Unity still captures those connections, but Heap Explorer will not process most of them. While this means Heap Explorer isn’t able to show which native object are connected, it’s perhaps still better than not being able to capture a snapshot at all. You can activate this option from Heap Explorer’s “File > Settings” menu. The option is called “Exclude NativeObject connections”.
Only activate this option if you see Heap Explorer running in this error: HeapExplorer: Failed to allocate ‘new PackedConnection’.
C++ Asset Duplicates (guessed)
The “C++ Asset Duplicates” view is guessing which asset might be duplicates. Unity Technologies explains how to guess if two assets are duplicates on this page: https://docs.unity3d.com/Manual/BestPracticeUnderstandingPerformanceInUnity2.html
The idea is, if you have two assets of the same type and name, but with different instanceID’s, these could be duplicates. This approach is of course everything else than reliable, but perhaps better than nothing.

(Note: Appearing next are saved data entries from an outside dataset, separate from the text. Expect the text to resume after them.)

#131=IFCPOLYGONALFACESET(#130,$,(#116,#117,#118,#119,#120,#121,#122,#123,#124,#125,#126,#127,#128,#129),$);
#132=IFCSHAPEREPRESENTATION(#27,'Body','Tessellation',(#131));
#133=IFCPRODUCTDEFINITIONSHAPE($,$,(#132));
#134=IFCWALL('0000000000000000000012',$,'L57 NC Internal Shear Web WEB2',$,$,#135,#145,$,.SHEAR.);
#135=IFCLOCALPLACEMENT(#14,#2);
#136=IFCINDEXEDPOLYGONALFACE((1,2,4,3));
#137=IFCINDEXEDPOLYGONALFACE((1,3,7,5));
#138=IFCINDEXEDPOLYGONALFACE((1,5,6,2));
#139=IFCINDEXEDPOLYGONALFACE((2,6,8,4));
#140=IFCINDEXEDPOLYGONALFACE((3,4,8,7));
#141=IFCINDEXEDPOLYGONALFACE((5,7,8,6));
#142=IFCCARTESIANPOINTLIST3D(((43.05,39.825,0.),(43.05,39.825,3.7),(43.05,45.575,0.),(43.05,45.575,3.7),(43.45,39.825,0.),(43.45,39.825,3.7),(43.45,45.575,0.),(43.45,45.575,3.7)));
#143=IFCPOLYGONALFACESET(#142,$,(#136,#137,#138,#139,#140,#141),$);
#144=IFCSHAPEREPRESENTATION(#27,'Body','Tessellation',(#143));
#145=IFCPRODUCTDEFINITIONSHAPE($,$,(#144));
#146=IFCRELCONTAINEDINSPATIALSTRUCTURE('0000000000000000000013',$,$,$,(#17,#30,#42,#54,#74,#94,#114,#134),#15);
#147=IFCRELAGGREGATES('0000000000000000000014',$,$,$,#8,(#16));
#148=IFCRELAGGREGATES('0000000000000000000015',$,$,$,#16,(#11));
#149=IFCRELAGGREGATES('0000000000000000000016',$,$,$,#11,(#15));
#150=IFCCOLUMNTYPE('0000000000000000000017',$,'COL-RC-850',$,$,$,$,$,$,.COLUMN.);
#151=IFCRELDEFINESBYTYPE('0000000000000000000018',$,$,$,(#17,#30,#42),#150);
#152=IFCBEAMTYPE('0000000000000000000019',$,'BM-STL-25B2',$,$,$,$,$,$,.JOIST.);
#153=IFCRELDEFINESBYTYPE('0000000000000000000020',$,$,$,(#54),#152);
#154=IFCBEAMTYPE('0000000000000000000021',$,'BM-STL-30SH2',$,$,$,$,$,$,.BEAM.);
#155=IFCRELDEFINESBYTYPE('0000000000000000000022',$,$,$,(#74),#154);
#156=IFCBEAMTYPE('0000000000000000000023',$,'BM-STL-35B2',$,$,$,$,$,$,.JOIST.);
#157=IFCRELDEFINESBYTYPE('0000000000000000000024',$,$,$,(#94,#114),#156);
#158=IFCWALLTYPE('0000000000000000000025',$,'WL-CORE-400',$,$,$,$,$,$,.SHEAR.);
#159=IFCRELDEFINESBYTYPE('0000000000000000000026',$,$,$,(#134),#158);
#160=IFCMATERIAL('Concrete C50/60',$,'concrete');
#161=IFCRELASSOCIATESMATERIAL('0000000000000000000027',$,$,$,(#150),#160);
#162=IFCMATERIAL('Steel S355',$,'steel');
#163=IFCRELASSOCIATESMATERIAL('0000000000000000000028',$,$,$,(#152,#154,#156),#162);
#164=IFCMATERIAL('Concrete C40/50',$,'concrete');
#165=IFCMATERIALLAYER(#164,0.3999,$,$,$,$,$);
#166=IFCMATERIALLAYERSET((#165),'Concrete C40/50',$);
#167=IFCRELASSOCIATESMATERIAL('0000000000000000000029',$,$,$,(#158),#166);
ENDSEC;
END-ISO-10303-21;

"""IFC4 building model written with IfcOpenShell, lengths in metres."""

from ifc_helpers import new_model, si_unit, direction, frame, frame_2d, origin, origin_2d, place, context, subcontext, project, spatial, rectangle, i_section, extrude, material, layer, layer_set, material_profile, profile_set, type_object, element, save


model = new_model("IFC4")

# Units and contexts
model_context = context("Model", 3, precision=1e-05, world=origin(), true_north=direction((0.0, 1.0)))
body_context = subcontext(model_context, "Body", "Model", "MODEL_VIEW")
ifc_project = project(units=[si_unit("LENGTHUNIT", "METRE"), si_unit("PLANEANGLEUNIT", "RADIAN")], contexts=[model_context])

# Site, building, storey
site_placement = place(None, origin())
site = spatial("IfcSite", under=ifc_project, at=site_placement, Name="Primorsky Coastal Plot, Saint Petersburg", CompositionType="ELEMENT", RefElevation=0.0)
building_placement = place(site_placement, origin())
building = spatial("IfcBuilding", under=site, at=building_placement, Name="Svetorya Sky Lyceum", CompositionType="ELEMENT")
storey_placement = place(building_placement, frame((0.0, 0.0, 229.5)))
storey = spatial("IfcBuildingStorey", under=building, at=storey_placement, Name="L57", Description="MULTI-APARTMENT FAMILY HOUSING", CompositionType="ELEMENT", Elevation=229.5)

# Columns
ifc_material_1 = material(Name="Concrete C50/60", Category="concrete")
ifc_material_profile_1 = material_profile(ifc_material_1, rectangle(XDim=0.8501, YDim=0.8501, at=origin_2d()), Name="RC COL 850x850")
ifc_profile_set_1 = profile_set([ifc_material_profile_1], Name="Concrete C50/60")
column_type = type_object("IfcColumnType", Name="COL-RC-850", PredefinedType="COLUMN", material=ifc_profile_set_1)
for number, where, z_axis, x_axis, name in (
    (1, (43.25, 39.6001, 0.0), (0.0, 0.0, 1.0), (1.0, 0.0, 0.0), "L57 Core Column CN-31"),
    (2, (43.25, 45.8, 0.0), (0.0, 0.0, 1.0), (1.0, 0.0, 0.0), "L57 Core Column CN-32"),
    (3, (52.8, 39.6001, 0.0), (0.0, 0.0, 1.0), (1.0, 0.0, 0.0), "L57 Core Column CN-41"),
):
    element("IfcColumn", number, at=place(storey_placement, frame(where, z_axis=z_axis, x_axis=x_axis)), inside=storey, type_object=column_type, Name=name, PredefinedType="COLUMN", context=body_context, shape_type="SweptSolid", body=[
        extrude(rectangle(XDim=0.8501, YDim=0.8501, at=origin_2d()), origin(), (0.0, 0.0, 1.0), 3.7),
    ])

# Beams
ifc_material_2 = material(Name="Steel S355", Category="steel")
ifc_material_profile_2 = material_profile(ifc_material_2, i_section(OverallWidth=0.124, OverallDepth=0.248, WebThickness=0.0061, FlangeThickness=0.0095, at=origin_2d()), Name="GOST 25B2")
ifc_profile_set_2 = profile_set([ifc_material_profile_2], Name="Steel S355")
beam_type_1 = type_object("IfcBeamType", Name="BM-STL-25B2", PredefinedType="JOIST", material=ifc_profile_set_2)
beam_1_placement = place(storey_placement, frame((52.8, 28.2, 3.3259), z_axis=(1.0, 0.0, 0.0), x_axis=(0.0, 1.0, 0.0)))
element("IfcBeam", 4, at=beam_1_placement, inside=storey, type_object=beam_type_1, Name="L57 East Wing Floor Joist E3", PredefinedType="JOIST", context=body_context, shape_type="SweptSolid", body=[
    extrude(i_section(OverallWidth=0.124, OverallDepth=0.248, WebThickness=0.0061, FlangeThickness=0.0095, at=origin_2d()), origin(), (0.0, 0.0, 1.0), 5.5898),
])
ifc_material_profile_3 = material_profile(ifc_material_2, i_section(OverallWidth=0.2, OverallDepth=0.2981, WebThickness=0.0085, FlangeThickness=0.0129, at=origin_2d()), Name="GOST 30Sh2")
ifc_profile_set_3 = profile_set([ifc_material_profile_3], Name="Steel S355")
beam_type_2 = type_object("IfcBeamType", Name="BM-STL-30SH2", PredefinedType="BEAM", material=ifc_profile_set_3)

Therefore, I implemented this view in Heap Explorer.
The assumption falls apart as soon as the project contains more than one asset with the same name of the same type. For example, if you follow a project structure like shown below, Heap Explorer shows incorrect results.
Heap Explorer incorrectly detects the following textures as duplicates, because they have the same name:
Message to Unity Technologies
It would be very useful if you store additional information in a “development mode” build, to be able to map a native UnityEngine object in a MemorySnapshot to its asset guid in the project for example. This would allow tools such Heap Explorer to implement some powerful functionality. This additional information should be stripped in non-development builds.